2.       Mit Vernehmlassung vom 24. Oktober 2022 beantragt das Betreibungsamt die Abweisung der Beschwerde, soweit darauf einzutreten sei.

 

3.       Mit Stellungnahme vom 4. November 2022 lässt sich der Beschwerdeführer abschliessend vernehmen und hält ergänzend fest, da die Pfändung heute stattgefunden habe, verlange er die Aufhebung des Pfändungsverfahrens.

 

II.

 

1.       Am 3. Oktober 2022 stellte der B.___ als Gläubiger in der Betreibung Nr. [...] des Betreibungsamtes C.___ beim Betreibungsamt Olten-Gösgen das Fortsetzungsbegehren. Dieses Begehren stützte sich auf den rechtskräftigen Rechtsöffnungsentscheid des Bezirksgerichts [...] vom 26. September 2022 (BA [Akten des Betreibungsamtes] 3). Inwiefern dieses, wie vom Beschwerdeführer geltend gemacht, illegal sein soll, ist nicht ersichtlich und von der Aufsichtsbehörde auch nicht zu beurteilen. Ebenfalls nicht weiter einzugehen ist auf die Rüge, wonach der Beschwerdeführer durch die Betreibungen in seiner Berufswahlfreiheit eingeschränkt werde. So haben weder das Betreibungsamt noch die Aufsichtsbehörde über Bestand oder Nichtbestand bzw. Rechtmässigkeit von Schulden zu befinden. Die Pfändungsankündigung vom 4. Oktober 2022 und auch die hiernach durchgeführte Pfändung sind somit im Lichte dessen nicht zu beanstanden.

 

2.       Sodann ist auf das sinngemäss gestellte Gesuch von A.___ einzugehen, die Pfändung sei aufgrund seiner schlechten Gesundheit zu sistieren. Nach Art. 61 SchKG kann das Betreibungsamt einem schwerkranken Schuldner für eine bestimmte Zeit Rechtsstillstand gewähren.
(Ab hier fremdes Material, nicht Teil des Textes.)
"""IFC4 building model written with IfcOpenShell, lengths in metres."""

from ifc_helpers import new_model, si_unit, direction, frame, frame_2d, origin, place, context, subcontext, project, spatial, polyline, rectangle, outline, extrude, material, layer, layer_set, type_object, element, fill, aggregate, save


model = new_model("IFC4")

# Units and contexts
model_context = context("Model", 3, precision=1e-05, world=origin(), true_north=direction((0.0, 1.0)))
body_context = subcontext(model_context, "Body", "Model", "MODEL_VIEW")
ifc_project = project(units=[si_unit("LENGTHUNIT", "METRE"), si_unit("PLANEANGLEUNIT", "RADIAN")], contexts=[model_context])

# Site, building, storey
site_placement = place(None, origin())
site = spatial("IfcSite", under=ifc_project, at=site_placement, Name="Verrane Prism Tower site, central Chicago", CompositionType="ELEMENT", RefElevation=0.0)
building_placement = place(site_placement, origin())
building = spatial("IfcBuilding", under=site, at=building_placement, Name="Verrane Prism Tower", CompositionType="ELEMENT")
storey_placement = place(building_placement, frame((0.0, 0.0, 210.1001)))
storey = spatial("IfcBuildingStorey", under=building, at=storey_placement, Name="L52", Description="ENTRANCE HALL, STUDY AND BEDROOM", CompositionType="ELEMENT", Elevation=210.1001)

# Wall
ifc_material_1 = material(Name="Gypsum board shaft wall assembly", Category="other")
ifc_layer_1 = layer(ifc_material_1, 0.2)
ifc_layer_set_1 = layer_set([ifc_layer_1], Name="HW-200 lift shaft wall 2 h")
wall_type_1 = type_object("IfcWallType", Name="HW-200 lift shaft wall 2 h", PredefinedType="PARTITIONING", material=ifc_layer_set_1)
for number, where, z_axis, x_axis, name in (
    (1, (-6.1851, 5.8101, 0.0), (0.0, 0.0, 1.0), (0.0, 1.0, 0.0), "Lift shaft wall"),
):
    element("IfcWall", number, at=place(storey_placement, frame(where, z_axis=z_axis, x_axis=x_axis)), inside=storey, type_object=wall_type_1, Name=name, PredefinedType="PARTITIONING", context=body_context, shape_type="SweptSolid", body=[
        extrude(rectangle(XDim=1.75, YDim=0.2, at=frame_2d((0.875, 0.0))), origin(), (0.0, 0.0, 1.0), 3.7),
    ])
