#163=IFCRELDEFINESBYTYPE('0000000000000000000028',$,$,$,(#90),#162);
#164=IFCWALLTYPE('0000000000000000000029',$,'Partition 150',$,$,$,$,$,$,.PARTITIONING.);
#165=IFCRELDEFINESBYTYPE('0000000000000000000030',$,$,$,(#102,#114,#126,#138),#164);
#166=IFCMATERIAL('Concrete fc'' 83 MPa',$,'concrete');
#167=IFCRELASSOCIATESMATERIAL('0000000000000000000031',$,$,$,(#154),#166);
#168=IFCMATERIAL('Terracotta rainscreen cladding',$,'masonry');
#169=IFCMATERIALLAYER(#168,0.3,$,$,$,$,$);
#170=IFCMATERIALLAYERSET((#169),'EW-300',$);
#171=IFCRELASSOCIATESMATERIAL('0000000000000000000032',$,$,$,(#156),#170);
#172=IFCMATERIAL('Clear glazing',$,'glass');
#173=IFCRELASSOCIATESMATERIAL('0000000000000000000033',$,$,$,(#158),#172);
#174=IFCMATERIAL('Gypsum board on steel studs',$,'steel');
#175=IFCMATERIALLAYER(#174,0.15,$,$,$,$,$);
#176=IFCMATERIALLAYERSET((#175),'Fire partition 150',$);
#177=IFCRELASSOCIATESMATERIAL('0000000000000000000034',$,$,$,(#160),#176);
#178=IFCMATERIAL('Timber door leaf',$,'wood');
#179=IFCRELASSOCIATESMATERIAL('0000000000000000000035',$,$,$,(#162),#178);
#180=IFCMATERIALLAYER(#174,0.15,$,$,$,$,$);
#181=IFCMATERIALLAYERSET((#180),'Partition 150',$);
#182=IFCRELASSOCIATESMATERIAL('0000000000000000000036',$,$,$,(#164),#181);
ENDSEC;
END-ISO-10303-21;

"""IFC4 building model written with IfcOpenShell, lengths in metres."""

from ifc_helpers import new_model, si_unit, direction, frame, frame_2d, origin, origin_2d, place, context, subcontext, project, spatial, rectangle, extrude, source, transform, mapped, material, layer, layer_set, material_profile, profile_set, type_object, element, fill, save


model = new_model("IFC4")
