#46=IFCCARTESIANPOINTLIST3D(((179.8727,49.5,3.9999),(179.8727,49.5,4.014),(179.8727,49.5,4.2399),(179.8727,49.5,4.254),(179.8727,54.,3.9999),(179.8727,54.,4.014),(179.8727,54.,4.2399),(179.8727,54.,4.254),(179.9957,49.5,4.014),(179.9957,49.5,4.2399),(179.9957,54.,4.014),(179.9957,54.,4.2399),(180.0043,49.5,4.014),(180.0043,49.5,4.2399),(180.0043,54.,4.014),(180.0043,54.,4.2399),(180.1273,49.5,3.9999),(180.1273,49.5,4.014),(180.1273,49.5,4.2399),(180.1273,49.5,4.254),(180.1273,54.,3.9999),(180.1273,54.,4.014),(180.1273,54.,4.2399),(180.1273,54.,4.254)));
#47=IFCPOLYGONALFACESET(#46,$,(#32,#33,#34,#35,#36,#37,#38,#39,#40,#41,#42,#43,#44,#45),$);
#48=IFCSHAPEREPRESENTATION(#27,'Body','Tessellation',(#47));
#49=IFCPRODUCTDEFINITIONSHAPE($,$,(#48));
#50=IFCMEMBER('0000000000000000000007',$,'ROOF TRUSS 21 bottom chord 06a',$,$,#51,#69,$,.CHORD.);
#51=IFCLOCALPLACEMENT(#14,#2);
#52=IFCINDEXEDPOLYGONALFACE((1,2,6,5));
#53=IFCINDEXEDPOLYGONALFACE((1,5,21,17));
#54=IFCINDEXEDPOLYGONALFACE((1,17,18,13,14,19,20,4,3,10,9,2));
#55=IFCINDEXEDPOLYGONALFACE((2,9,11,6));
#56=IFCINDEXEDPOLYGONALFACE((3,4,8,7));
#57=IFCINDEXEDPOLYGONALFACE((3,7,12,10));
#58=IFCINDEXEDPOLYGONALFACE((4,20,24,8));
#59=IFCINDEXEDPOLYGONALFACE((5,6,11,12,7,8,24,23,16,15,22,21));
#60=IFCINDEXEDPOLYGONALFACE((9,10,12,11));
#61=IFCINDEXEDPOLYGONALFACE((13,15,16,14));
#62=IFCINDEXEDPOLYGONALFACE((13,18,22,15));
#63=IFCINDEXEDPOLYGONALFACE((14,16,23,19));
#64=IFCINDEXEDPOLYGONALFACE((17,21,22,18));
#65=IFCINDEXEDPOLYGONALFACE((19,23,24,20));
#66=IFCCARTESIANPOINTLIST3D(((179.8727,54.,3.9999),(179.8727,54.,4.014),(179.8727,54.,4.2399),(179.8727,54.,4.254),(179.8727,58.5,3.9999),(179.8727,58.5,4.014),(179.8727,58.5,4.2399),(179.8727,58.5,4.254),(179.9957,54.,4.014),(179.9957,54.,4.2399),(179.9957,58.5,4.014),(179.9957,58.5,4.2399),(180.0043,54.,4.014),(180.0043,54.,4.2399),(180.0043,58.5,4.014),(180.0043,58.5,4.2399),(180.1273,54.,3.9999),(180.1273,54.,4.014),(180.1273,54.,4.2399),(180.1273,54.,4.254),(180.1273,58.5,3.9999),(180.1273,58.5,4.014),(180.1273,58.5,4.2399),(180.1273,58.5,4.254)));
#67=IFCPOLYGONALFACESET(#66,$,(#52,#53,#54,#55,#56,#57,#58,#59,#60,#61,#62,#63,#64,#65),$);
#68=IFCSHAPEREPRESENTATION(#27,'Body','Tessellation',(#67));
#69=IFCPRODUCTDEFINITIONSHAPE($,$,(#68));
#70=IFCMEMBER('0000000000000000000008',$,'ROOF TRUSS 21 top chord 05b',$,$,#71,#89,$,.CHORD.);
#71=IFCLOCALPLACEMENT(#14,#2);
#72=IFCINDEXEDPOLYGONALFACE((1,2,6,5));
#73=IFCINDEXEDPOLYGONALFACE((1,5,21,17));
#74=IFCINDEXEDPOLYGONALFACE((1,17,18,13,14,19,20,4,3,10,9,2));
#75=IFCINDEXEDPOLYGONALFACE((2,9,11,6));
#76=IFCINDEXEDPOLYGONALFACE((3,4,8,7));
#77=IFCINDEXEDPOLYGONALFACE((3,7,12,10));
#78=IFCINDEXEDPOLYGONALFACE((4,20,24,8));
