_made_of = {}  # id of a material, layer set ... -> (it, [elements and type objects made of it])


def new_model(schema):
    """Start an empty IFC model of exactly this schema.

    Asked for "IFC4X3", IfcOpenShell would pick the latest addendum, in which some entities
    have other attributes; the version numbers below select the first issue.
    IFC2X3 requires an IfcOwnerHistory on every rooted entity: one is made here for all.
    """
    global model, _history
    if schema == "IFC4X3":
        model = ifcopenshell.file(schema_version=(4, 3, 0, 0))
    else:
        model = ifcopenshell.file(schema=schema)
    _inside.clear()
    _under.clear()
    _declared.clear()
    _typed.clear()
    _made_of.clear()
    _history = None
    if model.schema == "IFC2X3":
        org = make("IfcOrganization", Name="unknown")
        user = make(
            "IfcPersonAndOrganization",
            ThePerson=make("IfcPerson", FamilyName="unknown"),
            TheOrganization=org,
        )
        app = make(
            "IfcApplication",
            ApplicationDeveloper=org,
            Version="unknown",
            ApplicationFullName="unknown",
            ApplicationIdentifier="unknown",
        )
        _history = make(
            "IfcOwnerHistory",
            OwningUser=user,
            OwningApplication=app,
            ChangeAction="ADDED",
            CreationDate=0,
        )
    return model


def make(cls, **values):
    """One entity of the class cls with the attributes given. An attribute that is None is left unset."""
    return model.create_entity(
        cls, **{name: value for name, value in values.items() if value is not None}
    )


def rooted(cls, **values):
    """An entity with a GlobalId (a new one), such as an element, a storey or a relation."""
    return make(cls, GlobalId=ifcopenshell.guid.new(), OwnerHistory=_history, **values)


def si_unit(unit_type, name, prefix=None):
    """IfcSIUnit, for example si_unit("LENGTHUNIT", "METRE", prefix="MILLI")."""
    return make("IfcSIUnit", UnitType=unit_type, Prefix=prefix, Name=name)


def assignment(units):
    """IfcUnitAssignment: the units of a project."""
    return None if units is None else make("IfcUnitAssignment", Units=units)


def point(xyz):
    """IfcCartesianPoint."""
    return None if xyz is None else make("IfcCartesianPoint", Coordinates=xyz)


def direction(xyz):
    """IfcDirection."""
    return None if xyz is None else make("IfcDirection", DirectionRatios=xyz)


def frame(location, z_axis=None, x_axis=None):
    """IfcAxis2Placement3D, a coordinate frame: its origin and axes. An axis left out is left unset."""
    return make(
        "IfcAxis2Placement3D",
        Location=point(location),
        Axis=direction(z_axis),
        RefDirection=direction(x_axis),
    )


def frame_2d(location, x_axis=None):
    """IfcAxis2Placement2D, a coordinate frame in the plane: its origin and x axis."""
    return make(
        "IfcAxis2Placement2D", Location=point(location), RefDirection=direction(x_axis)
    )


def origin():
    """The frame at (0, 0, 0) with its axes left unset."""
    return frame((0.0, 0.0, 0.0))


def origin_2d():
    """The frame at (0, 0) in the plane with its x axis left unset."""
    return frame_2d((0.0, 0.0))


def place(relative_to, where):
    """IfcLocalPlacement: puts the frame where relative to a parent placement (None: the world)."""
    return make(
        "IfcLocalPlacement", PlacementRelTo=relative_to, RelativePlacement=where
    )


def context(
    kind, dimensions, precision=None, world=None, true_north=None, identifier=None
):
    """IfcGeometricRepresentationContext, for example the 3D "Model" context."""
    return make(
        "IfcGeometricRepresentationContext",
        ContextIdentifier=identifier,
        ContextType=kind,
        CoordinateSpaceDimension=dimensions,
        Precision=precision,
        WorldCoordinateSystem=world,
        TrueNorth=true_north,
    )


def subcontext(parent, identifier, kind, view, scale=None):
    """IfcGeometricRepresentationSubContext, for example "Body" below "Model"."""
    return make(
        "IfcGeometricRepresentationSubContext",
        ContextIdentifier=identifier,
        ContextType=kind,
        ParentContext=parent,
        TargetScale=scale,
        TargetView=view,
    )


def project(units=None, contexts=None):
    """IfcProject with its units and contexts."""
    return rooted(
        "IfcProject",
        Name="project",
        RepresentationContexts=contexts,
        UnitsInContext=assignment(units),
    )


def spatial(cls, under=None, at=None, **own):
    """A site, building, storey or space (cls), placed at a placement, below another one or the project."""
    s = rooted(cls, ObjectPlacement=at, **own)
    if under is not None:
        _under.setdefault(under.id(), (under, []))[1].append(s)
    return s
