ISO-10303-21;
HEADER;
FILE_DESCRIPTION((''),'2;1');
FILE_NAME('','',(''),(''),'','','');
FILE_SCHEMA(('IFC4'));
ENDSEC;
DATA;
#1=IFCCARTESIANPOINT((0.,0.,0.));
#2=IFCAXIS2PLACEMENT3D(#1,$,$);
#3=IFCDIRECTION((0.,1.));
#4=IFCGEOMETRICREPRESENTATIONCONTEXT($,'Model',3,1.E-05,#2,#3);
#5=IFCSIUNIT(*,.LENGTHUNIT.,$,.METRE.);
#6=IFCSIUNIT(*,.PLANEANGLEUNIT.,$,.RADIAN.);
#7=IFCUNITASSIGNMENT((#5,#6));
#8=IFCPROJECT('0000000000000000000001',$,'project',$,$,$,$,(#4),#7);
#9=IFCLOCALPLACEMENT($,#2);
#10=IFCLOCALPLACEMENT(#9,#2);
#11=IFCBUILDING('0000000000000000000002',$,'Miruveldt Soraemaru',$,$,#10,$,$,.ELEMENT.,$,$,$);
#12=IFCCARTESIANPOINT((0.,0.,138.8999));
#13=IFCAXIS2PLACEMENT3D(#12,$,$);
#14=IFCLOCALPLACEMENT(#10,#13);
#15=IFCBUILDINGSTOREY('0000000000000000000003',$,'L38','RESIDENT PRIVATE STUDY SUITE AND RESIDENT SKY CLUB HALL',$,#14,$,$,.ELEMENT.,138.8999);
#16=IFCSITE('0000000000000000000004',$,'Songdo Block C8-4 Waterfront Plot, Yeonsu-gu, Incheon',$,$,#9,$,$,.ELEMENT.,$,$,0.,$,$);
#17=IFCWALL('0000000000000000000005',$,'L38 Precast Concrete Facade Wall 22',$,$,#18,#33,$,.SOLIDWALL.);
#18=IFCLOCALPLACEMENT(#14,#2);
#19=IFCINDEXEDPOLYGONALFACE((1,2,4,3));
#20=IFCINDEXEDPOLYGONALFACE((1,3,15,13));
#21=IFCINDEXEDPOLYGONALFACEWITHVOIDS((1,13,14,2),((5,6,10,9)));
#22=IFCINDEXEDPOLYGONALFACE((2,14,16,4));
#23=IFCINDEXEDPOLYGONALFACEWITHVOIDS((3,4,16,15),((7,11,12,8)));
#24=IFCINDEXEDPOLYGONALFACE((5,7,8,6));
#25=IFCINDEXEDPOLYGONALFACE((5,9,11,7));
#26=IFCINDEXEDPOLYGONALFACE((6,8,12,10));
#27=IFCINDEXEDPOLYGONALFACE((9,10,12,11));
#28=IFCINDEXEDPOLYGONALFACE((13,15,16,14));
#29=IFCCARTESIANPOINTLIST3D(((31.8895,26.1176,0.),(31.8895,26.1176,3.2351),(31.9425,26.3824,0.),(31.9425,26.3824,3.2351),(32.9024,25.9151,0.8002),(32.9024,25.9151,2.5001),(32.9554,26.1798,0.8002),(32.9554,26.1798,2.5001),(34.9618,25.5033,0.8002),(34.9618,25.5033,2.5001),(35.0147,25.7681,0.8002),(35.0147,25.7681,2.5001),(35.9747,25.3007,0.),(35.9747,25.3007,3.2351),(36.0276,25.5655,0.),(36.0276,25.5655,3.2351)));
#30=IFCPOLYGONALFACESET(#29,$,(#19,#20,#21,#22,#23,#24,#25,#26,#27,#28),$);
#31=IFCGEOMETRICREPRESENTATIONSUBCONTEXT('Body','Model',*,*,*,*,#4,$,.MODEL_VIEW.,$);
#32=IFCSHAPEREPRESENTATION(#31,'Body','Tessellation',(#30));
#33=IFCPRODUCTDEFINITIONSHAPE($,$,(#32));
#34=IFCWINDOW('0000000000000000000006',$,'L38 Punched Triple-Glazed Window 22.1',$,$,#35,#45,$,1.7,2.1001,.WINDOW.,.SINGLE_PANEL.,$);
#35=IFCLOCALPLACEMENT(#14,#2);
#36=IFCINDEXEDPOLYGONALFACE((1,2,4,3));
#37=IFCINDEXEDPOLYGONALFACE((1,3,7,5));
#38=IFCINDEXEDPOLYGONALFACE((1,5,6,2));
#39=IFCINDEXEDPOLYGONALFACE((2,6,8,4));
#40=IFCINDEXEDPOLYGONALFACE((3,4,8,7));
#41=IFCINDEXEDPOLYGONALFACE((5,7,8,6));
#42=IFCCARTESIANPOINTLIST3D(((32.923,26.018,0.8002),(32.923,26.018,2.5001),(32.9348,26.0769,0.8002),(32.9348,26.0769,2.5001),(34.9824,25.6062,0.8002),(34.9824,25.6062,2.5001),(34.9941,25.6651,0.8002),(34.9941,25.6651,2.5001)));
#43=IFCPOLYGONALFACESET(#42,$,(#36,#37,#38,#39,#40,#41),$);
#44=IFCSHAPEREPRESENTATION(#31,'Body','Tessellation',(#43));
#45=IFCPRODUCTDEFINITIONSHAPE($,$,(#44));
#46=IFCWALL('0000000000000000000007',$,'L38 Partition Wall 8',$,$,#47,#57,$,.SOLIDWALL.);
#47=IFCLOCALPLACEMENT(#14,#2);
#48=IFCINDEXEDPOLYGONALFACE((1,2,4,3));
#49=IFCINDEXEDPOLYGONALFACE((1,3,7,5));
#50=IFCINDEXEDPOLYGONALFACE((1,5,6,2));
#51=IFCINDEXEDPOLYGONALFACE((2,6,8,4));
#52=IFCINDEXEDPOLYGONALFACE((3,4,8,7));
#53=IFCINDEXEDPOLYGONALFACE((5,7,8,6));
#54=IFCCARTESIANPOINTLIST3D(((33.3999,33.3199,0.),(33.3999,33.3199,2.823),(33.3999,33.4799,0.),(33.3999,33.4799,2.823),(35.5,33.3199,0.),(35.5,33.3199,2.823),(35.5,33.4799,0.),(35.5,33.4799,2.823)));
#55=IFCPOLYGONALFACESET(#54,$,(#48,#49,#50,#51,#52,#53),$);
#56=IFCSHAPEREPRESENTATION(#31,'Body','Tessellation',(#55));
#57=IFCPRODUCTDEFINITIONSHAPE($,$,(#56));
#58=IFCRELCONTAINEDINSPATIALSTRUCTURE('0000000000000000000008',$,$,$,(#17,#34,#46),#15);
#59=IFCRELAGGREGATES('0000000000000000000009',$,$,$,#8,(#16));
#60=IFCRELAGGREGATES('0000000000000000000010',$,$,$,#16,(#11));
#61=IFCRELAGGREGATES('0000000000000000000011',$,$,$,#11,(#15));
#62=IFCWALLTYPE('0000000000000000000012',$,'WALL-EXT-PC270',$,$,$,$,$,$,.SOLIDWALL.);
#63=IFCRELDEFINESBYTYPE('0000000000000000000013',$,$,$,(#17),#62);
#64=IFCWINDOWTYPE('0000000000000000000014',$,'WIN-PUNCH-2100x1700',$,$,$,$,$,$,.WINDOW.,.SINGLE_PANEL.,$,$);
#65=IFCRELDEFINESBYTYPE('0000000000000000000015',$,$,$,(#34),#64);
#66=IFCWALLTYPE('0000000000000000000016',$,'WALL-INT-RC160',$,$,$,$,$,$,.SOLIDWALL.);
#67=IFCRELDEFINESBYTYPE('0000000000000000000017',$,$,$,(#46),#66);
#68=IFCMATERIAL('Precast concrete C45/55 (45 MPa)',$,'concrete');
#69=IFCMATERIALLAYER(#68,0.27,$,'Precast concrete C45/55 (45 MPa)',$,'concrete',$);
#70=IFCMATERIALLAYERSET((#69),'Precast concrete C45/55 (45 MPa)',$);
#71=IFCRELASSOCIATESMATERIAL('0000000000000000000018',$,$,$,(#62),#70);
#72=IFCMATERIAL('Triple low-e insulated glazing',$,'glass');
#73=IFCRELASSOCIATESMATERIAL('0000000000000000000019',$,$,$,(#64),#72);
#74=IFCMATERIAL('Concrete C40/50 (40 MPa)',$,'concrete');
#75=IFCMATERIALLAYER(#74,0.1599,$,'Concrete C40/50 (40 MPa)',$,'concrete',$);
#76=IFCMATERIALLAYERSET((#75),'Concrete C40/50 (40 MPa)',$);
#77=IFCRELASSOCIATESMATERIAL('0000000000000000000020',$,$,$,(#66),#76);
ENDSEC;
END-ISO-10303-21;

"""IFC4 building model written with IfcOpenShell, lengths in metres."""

from ifc_helpers import new_model, si_unit, direction, frame, frame_2d, origin, place, context, subcontext, project, spatial, rectangle, extrude, material, layer, layer_set, type_object, element, fill, save


model = new_model("IFC4")

# Units and contexts
model_context = context("Model", 3, precision=1e-05, world=origin(), true_north=direction((0.0, 1.0)))
body_context = subcontext(model_context, "Body", "Model", "MODEL_VIEW")
ifc_project = project(units=[si_unit("LENGTHUNIT", "METRE"), si_unit("PLANEANGLEUNIT", "RADIAN")], contexts=[model_context])

# Site, building, storey
site_placement = place(None, origin())
site = spatial("IfcSite", under=ifc_project, at=site_placement, Name="Songdo Block C8-4 Waterfront Plot, Yeonsu-gu, Incheon", CompositionType="ELEMENT", RefElevation=0.0)
building_placement = place(site_placement, origin())
building = spatial("IfcBuilding", under=site, at=building_placement, Name="Miruveldt Soraemaru", CompositionType="ELEMENT")
storey_placement = place(building_placement, frame((0.0, 0.0, 138.8999)))
storey = spatial("IfcBuildingStorey", under=building, at=storey_placement, Name="L38", Description="RESIDENT PRIVATE STUDY SUITE AND RESIDENT SKY CLUB HALL", CompositionType="ELEMENT", Elevation=138.8999)

# Shared definitions
ifc_material_1 = material(Name="Concrete C40/50 (40 MPa)", Category="concrete")

# Wall, opening, window
ifc_material_2 = material(Name="Precast concrete C45/55 (45 MPa)", Category="concrete")
ifc_layer_1 = layer(ifc_material_2, 0.27, Name="Precast concrete C45/55 (45 MPa)", Category="concrete")
ifc_layer_set_1 = layer_set([ifc_layer_1], Name="Precast concrete C45/55 (45 MPa)")
wall_type_1 = type_object("IfcWallType", Name="WALL-EXT-PC270", PredefinedType="SOLIDWALL", material=ifc_layer_set_1)
ifc_material_3 = material(Name="Triple low-e insulated glazing", Category="glass")
window_type_1 = type_object("IfcWindowType", Name="WIN-PUNCH-2100x1700", PartitioningType="SINGLE_PANEL", PredefinedType="WINDOW", material=ifc_material_3)
wall_1_placement = place(storey_placement, frame((31.916, 26.25, 0.0), z_axis=(0.0, 0.0, 1.0), x_axis=(0.980587, -0.196082, 0.0)))
wall_1 = element("IfcWall", 1, at=wall_1_placement, inside=storey, type_object=wall_type_1, Name="L38 Precast Concrete Facade Wall 22", PredefinedType="SOLIDWALL", context=body_context, shape_type="SweptSolid", body=[
    extrude(rectangle(XDim=4.166, YDim=0.27, at=frame_2d((2.083, 0.0))), origin(), (0.0, 0.0, 1.0), 3.2351),
])
opening_1_placement = place(wall_1_placement, frame((1.033, 0.0, 0.8)))
opening_1 = element("IfcOpeningElement", 2, at=opening_1_placement, cuts=wall_1, PredefinedType="OPENING", context=body_context, shape_type="SweptSolid", body=[
    extrude(rectangle(XDim=2.1001, YDim=1.7, at=frame_2d((1.05, 0.8501))), frame((0.0, 0.145, 0.0), z_axis=(0.0, -1.0, 0.0), x_axis=(1.0, 0.0, 0.0)), (0.0, 0.0, 1.0), 0.29),
])
window_1_placement = place(opening_1_placement, origin())
window_1 = element("IfcWindow", 3, at=window_1_placement, inside=storey, type_object=window_type_1, Name="L38 Punched Triple-Glazed Window 22.1", OverallHeight=1.7, OverallWidth=2.1001, PartitioningType="SINGLE_PANEL", PredefinedType="WINDOW", context=body_context, shape_type="SweptSolid", body=[
    extrude(rectangle(XDim=2.1001, YDim=1.7, at=frame_2d((1.05, 0.8501))), frame((0.0, 0.03, 0.0), z_axis=(0.0, -1.0, 0.0), x_axis=(1.0, 0.0, 0.0)), (0.0, 0.0, 1.0), 0.0601),
])
fill(opening_1, window_1)

# Wall
ifc_layer_2 = layer(ifc_material_1, 0.1599, Name="Concrete C40/50 (40 MPa)", Category="concrete")
ifc_layer_set_2 = layer_set([ifc_layer_2], Name="Concrete C40/50 (40 MPa)")
wall_type_2 = type_object("IfcWallType", Name="WALL-INT-RC160", PredefinedType="SOLIDWALL", material=ifc_layer_set_2)
wall_2_placement = place(storey_placement, frame((33.3999, 33.3999, 0.0), z_axis=(0.0, 0.0, 1.0), x_axis=(1.0, 0.0, 0.0)))
element("IfcWall", 4, at=wall_2_placement, inside=storey, type_object=wall_type_2, Name="L38 Partition Wall 8", PredefinedType="SOLIDWALL", context=body_context, shape_type="SweptSolid", body=[
    extrude(rectangle(XDim=2.1001, YDim=0.1599, at=frame_2d((1.05, 0.0))), origin(), (0.0, 0.0, 1.0), 2.823),
])

save(model, "model.ifc")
Die Gewährung eines Rechtsstillstands ist aber nach der Rechtsprechung (BGE 58 III 18, 74 III 37) nur dann am Platz, wenn die Zahlungsunfähigkeit des Schuldners mit seiner Krankheit zusammenhängt. Das Betreibungsregister zeigt aktuell eine laufende Betreibung. Zudem sind aus dem Verlustscheinregister des Beschwerdeführers diverse Verlustscheine aus den Jahren 2003 – 2005 ersichtlich. Ob die finanziellen Schwierigkeiten bereits bestanden, bevor der Beschwerdeführer krank wurde, ist aufgrund der vorliegenden Akten und der eingereichten Arztberichte jedoch nicht klar. Dies kann aber offenbleiben. So kann einem Schuldner der Rechtsstillstand nur dann gewährt werden, wenn seine Krankheit derart ist, dass sie ihm die Bestellung eines Vertreters zur Besorgung seiner Angelegenheiten unmöglich macht (BlSchK 1962, S. 82). Dies ist vorliegend nicht der Fall, zumal sich der Beschwerdeführer selber und mit ausführlichen Rechtsschriften an die Aufsichtsbehörde gewandt hat. Das Gesuch um Gewährung des Rechtsstillstandes ist somit abzuweisen.

 

3.       Im Übrigen ist aus dem Antrag, es seien Richter mit einer sozial-christlichen Grundeinstellung einzusetzen, kein konkretes Ausstandsbegehren gegen eine Gerichtsperson ersichtlich, weshalb darauf nicht weiter einzugehen ist. 

 

4.      

4.1     Die Beschwerde ist demnach abzuweisen, soweit darauf einzutreten ist.

 

4.2     Das Beschwerdeverfahren ist nach Art. 20a SchKG und Art. 61 Abs. 2 lit. a GebV SchKG unentgeltlich, weshalb das Gesuch um Gewährung der unentgeltlichen Rechtspflege gegenstandslos ist.

 

4.3     Die Ausrichtung einer Parteientschädigung kommt nicht in Betracht (Art. 62 Abs. 2 GebV SchKG). Zudem ist nach dem Verfahrensausgang auch die Zusprechung einer Genugtuung ausgeschlossen.

 

5.       Mit dem sofortigen Entscheid in der Sache ist das Gesuch um eine superprovisorische Aufhebung der Pfändungsverfügung gegenstandslos geworden.

 

Demnach wird erkannt:

1.    Die Beschwerde wird abgewiesen, soweit darauf einzutreten ist.

2.    Das Gesuch um Gewährung des Rechtsstillstandes im Sinne von Art. 61 SchKG wird abgewiesen.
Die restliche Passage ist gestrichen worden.